— Puisque vous n’avez pu lire la presse française dans cet îlot insalubre qui, en deux mille ans d’Histoire, n’aura su créer de vraiment grand que la Rolls Phantom, vous ne savez pas à quoi s’exerce mon sous-secrétariat d’Etat. Sachez donc, commissaire, que je suis à la tête d’un Service national de coordination, chargé d’établir une transparence, voire dans certains cas une coopération entre les différentes polices françaises et les différents services de renseignements. J’ai eu à cœur, apprenant qu’on vous avait exceptionnellement délégué à la Brigade Azur, j’ai eu à cœur, dis-je, de superviser cette opération, comprenant tout ce que l’hyper-connerie d’un hyper-Bérurier directeur pourrait engendrer de néfaste dans une affaire aussi subtile.

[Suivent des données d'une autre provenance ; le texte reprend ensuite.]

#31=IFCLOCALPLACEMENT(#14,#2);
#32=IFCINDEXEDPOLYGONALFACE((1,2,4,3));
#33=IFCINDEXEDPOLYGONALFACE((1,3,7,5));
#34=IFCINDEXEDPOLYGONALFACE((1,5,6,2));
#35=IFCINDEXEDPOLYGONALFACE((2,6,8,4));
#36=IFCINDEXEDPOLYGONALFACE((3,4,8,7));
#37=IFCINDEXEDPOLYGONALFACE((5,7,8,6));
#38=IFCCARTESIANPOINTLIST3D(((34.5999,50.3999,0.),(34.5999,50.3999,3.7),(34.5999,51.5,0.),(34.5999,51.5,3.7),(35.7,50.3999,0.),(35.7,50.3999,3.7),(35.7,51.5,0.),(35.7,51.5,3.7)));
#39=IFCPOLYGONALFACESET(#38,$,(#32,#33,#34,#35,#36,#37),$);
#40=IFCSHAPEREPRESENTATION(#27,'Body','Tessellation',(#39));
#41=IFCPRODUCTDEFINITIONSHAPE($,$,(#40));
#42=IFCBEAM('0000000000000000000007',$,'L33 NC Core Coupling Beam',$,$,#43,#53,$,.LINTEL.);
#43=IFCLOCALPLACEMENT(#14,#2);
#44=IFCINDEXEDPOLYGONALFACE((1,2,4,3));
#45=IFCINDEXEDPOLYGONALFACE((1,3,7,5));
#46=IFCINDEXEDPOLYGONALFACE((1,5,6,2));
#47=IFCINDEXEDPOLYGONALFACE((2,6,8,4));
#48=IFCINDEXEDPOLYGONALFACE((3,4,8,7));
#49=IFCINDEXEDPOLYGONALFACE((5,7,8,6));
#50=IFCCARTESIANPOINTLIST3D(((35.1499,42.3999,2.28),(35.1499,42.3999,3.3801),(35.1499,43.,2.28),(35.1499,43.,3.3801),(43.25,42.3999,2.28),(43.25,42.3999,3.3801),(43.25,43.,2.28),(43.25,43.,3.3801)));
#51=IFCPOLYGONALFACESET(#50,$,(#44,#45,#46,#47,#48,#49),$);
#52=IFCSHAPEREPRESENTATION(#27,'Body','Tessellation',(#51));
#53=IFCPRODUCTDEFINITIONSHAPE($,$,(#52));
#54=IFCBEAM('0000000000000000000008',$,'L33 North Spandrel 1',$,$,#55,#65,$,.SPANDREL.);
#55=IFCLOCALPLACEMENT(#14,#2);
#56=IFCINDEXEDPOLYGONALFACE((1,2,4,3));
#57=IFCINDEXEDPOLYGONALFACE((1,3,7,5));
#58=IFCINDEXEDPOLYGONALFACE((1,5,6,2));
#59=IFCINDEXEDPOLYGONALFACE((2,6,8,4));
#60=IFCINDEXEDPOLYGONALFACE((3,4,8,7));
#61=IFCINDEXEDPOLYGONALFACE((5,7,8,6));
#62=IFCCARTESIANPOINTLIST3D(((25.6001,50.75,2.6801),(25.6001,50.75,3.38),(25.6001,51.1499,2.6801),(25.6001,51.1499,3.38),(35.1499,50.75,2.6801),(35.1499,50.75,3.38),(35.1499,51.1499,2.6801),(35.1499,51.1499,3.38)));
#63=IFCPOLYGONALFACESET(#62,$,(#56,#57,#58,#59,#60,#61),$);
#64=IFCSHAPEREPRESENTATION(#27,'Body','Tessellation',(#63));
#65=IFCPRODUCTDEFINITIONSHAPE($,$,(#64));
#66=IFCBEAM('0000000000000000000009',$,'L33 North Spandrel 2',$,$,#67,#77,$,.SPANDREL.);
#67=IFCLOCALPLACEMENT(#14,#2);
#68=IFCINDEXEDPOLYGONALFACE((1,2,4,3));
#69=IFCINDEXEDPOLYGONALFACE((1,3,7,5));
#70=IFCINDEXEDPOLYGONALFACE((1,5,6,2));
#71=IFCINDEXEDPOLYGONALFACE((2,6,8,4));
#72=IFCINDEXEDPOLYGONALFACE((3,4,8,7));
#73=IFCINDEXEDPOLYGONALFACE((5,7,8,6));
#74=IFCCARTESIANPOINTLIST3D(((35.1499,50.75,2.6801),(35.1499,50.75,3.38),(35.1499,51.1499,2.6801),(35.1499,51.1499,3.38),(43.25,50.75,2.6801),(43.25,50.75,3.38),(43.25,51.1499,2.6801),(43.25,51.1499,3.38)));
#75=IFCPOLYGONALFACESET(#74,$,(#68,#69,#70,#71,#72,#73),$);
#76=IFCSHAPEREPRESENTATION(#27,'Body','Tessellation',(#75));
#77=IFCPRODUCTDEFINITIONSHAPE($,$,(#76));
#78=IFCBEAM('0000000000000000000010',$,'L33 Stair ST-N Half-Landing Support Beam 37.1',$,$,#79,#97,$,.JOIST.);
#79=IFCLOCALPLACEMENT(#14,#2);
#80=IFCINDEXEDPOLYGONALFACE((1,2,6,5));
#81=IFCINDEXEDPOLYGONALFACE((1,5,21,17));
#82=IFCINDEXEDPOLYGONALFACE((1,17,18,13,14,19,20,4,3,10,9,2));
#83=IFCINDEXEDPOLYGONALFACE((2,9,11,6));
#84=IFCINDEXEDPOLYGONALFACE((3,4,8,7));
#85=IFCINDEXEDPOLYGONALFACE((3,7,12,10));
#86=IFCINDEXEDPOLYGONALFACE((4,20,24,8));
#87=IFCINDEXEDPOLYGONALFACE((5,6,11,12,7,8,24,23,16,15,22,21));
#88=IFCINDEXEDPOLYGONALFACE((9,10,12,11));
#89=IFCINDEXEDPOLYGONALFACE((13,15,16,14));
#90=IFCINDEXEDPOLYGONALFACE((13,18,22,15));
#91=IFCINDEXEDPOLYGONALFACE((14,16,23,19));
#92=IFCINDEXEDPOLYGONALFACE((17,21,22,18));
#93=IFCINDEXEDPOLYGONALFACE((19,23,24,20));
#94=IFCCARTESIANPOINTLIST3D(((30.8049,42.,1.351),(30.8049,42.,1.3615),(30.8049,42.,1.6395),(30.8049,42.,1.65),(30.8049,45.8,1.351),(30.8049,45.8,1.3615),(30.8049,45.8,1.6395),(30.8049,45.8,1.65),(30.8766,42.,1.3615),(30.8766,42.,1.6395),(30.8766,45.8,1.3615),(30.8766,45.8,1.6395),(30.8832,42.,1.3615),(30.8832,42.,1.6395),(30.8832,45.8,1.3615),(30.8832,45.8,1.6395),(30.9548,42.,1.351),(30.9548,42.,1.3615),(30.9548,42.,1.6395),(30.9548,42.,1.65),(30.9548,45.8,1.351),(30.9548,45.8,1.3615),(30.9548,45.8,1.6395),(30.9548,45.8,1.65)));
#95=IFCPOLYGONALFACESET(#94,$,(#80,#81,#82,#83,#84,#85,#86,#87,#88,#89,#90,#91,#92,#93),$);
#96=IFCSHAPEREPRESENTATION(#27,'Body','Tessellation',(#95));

— Vous tombez bien, patron, le pourléché-je, gentiment faux-cul par volupté de dégradation, car le meilleur des hommes que je suis (comme l’écriraient certains dont je t’enverrai la liste détaillée sur simple demande accompagnée d’un mandat-carte de cent francs) a besoin, parfois de s’infliger le silice mortificatoire de la flagornerie rampante.
— Je sais, répond cet être sans complexe.
Il sort un étui à cigares double compartiment, puise un Quai d’Orsay qu’il pétrit délicatement avant de se l’introduire dans le bec.
— Vous n’aimez pas le cigare, n’est-ce pas ? fait-il d’un ton qui semble sortir de chez le teinturier tant il est détaché.
— Je n’aime que cela, au contraire, corrigé-je.
— Et comme vous avez raison, complimente le Dabe en remisant le second barreau de chaise dans sa vague. (Puis, changeant d’orientation :) Je saute sur l’affaire d’autant plus volontiers que l’histoire Delameer m’a toujours taquiné comme des hémorroïdes. Je regrettais qu’elle ne fût pas officiellement de ma compétence…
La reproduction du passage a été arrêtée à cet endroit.